Week 1.

Lecture 1 (please hand in attempts at lecture Friday 19 Feb)

(a) Let f^~(w) be the Fourer transform of f(t). What is the Fourier transform of (i) f(t - t₀) ; (ii) e^ipt f(t); (iii) f(t/s) ?
[Just use the definition and changes of variable]

(b) By straightforward integration, what are the Fourier transforms of (i) f(t)=1, |t|<T, f(t)=0, |t|>T; (ii) e^-a|t| ? (iii) What (by (ii) or otherwise) is the Fourier transform of 1/( t²+τ²) ?

(c) The Fourer transform of f(t) = exp(- ¹/₂ t²/a²) is (2π)^1/2 a exp(- ¹/₂ w² a²). Confirm this numerically using numerical Fourier Transform (eg. MatLab fft) imposing period T>10a on f(t) and choosing discrete time interval Δt<a/10.

[You will need to think carefully how you make f(t) periodic such that negative values of t are adequately represented; exploiting part (a) results is one way but not the simplest. I hope to see a labelled comparison between expected and computed Fourier transforms. I would prefer to see axes labelled with scales expressed in terms of a , but if you canot rise to that then declare a particular value of a. ]

Lectures 2,3 (hand in attempts at lecture Thurs 25 Feb)

(a) The file data1.txt contains a clean time series of some 100000 points. You can presume it is statistically stationary and (for simplicity!) that periodic boundary conditions are appropriate. (i) Produce an estimated graph of its power spectrum, with statistical errors assuming this to be a smooth function. (ii) Produce a graph of !!the significant part of!! its autocrrelation function.

(b) [not for credit] Let f^~(w) be the Fourier transform of f(t). Show from the Convolution Theorem that: the Fourier transform of the Autocorrelation function is the Power Spectrum |f^~(w)|², finding in the process the correct form for the autocorrelation function when f(t) is complex valued. [Hint: What function has Fourier transform f^~(w)* ? ]

(c) The following link will give you access to the time series of X-ray emission by a particular source in the sky. Your task is to estimate the autocovariance of the emission of this X-ray source. [Autocovariance = autocorrelation of (signal with average subtracted).]

Link: http://xte.mit.edu/asmlc/srcs/x1705-440.html In its Data window please leave the days blank and select: "One-day Average Light Curve" and for data columns just "Sum Band Intensity" then click "Retrieve...". You should end up with a text file in which the SECOND number on each line is the X-ray intensity for each successive day (averaged over that day), for each of 4238 successive days.

(i) Produce a simple graph of the series with time average removed.

FOR PARTS (ii) and (iii) plot your graphs over a limited range of time chosen to bring out the meaningful results and comparison.

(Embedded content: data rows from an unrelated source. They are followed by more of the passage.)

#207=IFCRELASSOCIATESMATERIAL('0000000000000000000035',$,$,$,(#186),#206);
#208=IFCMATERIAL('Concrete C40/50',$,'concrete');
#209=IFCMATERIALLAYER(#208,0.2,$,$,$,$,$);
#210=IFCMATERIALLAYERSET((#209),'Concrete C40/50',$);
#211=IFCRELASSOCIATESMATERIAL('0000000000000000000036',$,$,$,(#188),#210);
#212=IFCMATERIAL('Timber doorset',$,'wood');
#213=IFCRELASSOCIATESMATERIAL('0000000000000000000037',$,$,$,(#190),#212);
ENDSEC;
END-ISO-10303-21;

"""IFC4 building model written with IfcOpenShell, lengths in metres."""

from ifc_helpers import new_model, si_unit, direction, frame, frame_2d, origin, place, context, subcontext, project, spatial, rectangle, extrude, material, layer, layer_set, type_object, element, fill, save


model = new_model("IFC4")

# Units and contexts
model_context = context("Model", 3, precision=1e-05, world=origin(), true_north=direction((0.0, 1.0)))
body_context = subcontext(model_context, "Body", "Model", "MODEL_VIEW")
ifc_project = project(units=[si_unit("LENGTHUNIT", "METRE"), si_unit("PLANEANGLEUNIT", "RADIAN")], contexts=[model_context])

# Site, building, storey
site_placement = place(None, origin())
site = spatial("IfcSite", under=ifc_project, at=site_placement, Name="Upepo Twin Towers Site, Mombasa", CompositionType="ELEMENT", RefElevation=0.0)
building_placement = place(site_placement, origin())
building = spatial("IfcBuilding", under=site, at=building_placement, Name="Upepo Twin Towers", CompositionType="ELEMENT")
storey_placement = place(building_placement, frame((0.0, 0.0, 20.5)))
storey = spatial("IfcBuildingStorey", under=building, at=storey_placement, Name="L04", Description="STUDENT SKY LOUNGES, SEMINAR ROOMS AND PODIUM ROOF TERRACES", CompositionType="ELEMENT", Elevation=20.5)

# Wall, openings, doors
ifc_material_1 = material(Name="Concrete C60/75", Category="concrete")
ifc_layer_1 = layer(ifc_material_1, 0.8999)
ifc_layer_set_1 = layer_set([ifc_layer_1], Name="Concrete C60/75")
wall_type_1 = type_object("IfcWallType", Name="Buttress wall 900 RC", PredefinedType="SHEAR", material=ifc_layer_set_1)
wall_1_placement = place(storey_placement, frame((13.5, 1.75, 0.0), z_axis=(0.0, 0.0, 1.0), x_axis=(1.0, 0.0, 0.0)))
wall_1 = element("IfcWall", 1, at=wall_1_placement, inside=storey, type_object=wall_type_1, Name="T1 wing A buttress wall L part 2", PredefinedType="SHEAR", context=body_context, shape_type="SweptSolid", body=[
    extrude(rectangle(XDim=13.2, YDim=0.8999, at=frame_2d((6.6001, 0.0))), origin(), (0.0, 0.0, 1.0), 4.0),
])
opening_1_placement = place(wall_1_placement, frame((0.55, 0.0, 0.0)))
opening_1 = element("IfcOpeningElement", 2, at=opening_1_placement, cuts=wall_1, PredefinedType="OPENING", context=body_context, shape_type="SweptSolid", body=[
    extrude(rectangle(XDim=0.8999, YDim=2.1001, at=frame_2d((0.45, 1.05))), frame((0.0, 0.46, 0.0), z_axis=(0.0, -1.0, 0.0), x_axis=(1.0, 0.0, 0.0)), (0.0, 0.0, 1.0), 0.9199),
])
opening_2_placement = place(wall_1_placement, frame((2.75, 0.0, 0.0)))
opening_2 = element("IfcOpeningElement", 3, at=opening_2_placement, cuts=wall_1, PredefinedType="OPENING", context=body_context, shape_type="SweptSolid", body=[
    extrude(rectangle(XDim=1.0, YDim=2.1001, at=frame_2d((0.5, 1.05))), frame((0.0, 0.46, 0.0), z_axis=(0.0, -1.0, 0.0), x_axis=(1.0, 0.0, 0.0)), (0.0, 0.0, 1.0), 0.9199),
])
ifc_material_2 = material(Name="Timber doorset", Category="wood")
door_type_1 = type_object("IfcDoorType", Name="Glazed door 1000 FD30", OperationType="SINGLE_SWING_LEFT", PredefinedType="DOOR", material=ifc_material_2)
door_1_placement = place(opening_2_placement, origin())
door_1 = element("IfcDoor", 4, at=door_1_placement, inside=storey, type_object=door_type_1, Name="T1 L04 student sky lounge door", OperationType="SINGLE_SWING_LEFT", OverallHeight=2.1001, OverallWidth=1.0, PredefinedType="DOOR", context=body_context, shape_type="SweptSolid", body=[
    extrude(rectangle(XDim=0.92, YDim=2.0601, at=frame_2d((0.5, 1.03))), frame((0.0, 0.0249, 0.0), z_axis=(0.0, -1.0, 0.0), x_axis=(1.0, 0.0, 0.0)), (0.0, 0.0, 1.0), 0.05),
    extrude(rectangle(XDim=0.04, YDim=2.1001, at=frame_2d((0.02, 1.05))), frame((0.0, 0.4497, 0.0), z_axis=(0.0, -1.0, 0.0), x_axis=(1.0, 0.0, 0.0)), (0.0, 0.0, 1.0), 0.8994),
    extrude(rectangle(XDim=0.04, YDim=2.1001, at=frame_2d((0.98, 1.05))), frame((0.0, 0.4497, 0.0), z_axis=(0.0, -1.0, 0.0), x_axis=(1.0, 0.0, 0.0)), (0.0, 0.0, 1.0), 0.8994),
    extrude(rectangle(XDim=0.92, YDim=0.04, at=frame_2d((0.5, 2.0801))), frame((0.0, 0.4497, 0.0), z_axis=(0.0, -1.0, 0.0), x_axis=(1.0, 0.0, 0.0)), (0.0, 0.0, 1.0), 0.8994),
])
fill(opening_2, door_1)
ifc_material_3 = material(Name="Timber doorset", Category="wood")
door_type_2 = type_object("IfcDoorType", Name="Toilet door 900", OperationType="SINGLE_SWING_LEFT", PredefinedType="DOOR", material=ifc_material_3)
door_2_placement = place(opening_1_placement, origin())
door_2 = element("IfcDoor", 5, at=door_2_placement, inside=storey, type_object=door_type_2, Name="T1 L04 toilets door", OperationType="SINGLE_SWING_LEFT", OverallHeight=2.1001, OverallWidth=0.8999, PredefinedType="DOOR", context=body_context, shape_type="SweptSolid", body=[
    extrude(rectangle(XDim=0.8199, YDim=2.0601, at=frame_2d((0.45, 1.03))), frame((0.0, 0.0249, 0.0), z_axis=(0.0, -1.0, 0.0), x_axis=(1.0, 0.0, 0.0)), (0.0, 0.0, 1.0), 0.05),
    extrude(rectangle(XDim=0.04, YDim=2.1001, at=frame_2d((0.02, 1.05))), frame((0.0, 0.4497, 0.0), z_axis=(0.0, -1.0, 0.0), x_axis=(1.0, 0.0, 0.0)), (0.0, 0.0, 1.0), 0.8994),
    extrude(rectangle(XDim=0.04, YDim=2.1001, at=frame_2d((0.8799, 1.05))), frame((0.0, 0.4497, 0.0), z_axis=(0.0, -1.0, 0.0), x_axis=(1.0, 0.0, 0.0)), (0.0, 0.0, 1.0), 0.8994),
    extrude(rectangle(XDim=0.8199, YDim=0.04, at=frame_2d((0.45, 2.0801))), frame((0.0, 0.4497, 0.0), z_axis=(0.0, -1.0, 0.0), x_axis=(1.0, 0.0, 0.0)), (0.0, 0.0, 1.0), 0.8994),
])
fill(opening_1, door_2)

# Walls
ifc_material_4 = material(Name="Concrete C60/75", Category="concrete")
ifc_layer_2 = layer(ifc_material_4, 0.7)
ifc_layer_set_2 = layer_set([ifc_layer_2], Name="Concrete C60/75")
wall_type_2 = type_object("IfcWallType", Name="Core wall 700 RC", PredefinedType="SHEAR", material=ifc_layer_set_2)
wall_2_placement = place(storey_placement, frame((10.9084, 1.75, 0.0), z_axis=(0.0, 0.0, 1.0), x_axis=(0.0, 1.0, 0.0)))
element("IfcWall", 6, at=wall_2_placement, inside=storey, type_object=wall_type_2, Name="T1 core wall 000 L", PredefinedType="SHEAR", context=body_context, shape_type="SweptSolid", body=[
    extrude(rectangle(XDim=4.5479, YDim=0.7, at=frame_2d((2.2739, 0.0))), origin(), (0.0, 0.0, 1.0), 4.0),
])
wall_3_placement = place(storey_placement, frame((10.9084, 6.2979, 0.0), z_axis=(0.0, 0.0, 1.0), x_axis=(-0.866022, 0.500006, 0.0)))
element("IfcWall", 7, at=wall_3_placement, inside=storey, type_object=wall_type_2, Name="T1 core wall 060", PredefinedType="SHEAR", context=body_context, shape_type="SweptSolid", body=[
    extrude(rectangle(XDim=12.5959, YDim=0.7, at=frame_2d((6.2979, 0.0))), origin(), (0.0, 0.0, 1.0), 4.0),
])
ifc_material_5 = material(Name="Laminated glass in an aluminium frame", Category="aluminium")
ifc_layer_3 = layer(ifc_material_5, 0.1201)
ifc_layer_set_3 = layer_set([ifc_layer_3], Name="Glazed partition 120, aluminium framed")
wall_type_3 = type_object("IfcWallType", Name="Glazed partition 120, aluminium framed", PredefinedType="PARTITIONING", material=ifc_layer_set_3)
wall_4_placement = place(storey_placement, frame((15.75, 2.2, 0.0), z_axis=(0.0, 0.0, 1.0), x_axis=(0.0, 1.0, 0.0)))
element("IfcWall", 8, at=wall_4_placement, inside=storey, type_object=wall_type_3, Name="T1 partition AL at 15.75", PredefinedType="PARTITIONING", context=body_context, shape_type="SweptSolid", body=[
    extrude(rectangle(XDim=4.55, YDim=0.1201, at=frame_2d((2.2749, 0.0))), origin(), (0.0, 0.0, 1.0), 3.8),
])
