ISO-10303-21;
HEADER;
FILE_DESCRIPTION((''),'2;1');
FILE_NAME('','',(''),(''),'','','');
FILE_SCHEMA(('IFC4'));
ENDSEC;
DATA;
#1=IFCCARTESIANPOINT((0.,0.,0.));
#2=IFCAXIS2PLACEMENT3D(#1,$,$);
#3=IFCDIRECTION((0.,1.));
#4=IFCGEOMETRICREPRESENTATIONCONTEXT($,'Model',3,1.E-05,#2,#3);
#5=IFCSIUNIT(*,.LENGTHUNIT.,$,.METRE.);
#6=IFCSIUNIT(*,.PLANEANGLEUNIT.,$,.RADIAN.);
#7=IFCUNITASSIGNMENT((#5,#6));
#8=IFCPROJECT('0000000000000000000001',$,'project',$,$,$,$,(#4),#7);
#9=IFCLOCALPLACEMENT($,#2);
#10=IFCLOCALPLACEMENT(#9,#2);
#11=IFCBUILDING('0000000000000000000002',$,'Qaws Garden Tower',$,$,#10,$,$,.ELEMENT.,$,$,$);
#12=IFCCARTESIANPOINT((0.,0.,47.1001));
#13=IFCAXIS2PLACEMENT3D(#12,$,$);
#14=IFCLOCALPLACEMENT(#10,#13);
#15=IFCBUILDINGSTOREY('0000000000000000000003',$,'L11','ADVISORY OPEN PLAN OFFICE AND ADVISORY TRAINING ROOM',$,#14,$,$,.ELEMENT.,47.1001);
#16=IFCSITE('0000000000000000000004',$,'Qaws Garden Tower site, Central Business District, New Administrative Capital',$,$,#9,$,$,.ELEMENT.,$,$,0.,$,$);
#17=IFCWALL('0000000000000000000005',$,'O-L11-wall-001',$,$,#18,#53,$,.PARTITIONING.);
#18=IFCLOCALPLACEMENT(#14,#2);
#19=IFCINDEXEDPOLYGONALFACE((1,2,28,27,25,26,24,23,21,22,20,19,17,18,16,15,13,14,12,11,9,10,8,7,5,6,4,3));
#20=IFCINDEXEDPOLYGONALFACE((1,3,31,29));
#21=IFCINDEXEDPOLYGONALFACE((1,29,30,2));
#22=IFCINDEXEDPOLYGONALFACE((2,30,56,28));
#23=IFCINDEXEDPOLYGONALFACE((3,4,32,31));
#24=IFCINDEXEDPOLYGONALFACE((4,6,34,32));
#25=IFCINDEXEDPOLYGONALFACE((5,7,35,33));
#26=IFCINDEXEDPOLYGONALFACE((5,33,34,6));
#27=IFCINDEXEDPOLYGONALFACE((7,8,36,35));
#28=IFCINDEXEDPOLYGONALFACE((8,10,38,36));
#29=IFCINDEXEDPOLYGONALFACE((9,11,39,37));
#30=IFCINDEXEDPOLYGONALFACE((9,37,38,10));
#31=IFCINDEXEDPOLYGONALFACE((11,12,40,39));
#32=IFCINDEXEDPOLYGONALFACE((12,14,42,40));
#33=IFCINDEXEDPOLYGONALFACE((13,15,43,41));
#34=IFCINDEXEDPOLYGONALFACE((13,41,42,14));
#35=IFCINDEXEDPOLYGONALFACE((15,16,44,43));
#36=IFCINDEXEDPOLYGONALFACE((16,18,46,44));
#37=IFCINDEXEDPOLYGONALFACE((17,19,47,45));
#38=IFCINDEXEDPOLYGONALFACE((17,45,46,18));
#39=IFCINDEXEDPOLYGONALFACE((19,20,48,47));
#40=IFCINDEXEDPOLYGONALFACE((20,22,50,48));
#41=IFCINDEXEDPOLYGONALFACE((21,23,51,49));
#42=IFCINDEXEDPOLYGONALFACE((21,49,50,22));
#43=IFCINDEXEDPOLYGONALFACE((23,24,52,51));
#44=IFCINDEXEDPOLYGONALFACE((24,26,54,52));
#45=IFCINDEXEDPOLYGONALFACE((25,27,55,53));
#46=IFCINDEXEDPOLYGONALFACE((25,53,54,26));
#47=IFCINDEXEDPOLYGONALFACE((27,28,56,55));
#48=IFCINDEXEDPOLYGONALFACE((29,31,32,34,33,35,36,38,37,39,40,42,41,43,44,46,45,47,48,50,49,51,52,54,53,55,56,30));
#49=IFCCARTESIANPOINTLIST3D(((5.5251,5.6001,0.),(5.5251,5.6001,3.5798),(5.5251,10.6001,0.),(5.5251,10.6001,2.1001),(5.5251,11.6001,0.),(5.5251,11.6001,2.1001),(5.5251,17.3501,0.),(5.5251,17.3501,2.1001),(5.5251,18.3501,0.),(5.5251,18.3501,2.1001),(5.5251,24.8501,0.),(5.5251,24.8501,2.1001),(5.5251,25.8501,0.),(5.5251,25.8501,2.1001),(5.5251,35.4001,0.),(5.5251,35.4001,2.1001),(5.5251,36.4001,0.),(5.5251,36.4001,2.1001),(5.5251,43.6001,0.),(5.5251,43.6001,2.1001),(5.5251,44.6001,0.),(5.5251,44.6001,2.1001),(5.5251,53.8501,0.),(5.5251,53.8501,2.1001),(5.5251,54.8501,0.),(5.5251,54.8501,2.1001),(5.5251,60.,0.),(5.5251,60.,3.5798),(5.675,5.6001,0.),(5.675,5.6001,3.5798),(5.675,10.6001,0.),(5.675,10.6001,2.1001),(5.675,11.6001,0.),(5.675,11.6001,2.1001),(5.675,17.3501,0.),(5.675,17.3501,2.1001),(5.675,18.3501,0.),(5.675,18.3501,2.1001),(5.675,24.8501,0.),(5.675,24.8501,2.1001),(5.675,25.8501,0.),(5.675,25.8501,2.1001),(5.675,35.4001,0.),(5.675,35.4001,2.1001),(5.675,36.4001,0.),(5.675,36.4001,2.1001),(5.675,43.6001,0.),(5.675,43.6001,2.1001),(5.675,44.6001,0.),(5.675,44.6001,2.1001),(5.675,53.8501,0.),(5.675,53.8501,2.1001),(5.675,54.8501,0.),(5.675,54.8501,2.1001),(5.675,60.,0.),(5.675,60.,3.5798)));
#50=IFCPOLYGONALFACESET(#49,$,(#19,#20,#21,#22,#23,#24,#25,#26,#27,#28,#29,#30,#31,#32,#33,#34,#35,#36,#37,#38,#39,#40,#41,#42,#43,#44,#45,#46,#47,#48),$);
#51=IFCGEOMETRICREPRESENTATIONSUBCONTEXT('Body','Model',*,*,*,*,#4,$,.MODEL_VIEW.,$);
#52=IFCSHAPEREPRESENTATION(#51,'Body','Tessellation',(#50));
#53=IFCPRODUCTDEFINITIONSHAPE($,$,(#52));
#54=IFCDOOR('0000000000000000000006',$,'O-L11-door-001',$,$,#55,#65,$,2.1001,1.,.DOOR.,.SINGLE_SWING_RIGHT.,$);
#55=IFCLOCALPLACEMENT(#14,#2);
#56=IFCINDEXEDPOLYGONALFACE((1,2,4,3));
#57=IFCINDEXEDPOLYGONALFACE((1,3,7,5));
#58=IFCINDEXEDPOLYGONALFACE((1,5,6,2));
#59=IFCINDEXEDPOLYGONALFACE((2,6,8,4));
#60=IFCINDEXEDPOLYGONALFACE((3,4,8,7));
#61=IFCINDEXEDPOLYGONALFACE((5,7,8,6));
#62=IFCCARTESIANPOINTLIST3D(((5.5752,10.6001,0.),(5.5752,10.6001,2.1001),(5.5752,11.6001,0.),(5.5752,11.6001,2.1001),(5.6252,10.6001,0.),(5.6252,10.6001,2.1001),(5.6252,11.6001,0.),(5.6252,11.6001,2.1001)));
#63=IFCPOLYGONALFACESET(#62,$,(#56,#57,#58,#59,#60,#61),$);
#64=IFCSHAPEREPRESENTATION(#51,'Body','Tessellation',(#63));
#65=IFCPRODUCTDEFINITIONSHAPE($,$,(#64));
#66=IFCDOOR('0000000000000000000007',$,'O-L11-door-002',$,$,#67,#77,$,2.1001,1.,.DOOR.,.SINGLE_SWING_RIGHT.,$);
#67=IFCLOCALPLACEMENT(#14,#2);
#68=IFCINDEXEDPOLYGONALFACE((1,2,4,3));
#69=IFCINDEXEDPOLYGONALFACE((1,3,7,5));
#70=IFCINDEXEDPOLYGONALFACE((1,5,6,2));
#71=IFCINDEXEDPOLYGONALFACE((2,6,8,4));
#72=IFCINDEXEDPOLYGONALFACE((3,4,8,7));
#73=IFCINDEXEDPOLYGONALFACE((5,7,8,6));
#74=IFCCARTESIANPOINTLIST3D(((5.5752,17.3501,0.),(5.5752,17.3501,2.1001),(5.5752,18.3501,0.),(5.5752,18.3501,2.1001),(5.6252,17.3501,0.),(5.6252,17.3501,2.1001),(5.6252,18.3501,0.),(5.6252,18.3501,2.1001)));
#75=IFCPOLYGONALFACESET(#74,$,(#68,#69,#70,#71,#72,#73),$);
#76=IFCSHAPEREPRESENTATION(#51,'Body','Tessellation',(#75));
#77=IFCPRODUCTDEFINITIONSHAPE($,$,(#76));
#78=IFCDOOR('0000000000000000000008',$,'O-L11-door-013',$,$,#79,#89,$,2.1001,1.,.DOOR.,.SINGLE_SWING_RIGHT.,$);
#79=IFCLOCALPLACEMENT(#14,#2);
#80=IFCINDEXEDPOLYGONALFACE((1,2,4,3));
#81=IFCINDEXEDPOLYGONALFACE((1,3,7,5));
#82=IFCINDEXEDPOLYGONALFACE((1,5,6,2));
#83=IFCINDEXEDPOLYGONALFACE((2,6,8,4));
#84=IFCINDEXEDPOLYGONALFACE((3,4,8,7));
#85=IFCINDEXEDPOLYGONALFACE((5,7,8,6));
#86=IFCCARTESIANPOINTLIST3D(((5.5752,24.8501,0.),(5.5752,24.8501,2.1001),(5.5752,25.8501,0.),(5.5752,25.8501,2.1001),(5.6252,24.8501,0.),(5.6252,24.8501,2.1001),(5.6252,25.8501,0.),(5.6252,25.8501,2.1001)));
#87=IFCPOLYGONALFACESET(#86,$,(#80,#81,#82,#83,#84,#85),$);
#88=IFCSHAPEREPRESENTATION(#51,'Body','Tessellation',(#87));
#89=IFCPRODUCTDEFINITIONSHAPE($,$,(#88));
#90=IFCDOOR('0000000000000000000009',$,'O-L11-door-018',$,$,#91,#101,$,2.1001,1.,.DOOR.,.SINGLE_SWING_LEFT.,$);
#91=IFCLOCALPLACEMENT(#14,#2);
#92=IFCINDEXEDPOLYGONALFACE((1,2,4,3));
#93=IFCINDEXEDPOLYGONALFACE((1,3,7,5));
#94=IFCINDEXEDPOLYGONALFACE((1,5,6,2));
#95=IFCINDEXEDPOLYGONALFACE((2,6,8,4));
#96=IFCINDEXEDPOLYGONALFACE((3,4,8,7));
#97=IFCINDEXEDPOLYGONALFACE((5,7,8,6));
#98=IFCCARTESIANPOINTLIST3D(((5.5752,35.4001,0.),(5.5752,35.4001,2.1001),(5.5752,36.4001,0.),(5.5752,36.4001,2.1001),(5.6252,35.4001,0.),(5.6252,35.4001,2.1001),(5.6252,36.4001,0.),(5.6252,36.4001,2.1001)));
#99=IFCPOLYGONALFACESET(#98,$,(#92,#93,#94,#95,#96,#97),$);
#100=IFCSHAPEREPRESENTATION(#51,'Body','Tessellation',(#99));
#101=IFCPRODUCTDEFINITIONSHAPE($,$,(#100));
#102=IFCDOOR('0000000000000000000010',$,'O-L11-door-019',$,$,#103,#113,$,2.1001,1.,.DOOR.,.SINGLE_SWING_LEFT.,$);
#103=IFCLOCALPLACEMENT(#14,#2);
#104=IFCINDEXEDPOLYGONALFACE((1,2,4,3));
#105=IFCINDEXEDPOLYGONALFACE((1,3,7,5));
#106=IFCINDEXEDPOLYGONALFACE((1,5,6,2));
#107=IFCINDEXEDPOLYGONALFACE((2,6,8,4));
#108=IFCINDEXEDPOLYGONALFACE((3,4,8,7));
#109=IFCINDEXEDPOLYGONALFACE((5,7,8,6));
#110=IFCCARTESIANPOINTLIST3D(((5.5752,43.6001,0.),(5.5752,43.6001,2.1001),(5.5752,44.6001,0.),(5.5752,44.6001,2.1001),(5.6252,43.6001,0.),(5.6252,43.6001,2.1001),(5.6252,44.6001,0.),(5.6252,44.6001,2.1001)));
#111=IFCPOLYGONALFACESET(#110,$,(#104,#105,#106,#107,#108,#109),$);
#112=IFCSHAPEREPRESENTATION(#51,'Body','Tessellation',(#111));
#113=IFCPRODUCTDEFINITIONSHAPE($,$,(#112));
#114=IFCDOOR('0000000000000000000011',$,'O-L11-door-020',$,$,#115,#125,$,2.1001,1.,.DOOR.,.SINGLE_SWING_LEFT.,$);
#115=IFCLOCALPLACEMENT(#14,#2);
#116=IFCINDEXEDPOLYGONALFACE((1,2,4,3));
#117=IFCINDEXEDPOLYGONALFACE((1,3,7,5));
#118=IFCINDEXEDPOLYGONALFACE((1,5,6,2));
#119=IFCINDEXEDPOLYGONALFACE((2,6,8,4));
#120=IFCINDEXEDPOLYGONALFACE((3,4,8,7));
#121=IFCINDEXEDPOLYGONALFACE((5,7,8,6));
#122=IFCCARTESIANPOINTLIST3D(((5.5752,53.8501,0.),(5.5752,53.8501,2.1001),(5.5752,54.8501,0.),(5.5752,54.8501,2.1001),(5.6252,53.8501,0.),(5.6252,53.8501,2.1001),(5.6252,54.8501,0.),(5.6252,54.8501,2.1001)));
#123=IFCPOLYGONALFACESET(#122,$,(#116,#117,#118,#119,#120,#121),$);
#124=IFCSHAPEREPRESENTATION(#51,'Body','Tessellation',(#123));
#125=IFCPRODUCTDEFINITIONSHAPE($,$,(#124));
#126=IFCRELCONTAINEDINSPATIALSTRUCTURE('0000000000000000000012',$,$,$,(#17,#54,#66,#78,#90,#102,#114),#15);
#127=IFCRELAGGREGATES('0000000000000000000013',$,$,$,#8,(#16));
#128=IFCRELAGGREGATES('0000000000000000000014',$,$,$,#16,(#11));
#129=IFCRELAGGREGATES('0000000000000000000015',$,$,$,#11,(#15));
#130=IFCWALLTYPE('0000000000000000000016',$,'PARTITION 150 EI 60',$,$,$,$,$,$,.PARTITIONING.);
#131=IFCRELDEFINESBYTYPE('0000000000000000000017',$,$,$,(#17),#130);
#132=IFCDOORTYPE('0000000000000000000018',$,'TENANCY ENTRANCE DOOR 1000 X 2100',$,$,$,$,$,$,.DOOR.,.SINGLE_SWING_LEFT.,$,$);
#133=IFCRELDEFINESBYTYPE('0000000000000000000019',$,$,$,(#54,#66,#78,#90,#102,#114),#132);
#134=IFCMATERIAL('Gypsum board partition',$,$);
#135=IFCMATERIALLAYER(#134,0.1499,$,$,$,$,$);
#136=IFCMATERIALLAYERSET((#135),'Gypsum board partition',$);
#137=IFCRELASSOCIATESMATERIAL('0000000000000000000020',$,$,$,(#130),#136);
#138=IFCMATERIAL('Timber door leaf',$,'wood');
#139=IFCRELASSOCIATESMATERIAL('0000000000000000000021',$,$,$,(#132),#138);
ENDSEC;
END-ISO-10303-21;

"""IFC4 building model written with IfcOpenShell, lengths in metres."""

from ifc_helpers import new_model, si_unit, direction, frame, frame_2d, origin, place, context, subcontext, project, spatial, rectangle, extrude, material, layer, layer_set, type_object, element, fill, save


model = new_model("IFC4")

# Units and contexts
model_context = context("Model", 3, precision=1e-05, world=origin(), true_north=direction((0.0, 1.0)))
body_context = subcontext(model_context, "Body", "Model", "MODEL_VIEW")
ifc_project = project(units=[si_unit("LENGTHUNIT", "METRE"), si_unit("PLANEANGLEUNIT", "RADIAN")], contexts=[model_context])

# Site, building, storey
site_placement = place(None, origin())
site = spatial("IfcSite", under=ifc_project, at=site_placement, Name="Qaws Garden Tower site, Central Business District, New Administrative Capital", CompositionType="ELEMENT", RefElevation=0.0)
building_placement = place(site_placement, origin())
building = spatial("IfcBuilding", under=site, at=building_placement, Name="Qaws Garden Tower", CompositionType="ELEMENT")
storey_placement = place(building_placement, frame((0.0, 0.0, 47.1001)))
storey = spatial("IfcBuildingStorey", under=building, at=storey_placement, Name="L11", Description="ADVISORY OPEN PLAN OFFICE AND ADVISORY TRAINING ROOM", CompositionType="ELEMENT", Elevation=47.1001)

# Wall, openings, doors
ifc_material_1 = material(Name="Gypsum board partition")
ifc_layer_1 = layer(ifc_material_1, 0.1499)
ifc_layer_set_1 = layer_set([ifc_layer_1], Name="Gypsum board partition")
wall_type_1 = type_object("IfcWallType", Name="PARTITION 150 EI 60", PredefinedType="PARTITIONING", material=ifc_layer_set_1)
wall_1_placement = place(storey_placement, frame((5.6001, 5.6001, 0.0), z_axis=(0.0, 0.0, 1.0), x_axis=(0.0, 1.0, 0.0)))
wall_1 = element("IfcWall", 1, at=wall_1_placement, inside=storey, type_object=wall_type_1, Name="O-L11-wall-001", PredefinedType="PARTITIONING", context=body_context, shape_type="SweptSolid", body=[
    extrude(rectangle(XDim=54.3999, YDim=0.1499, at=frame_2d((27.2, 0.0))), origin(), (0.0, 0.0, 1.0), 3.5798),
])
opening_1_placement = place(wall_1_placement, frame((5.0, 0.0, 0.0)))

Error bars not required.
(ii) Compute and compare graphically the autocovariance obtained by: (1) directly imposing periodic conditions on the time dependence; (2) padding the data with zeros first; (3) as (2) but dividing by the autocorrelation of the window; (4) [not for credit] as (3) but using a smoother window function of your choice.

(iii) For ONE of the above choices, compare graphically the autocovariance functions of different subintervals of the data (for example in percent, 0-50, 10-60, 20-70 .....50-100).

(iv) Based on the above, discuss briefly how much you are confident of about the true autocovaiance of the source. Alternatively, produce a graph of the autocovariance with error bars.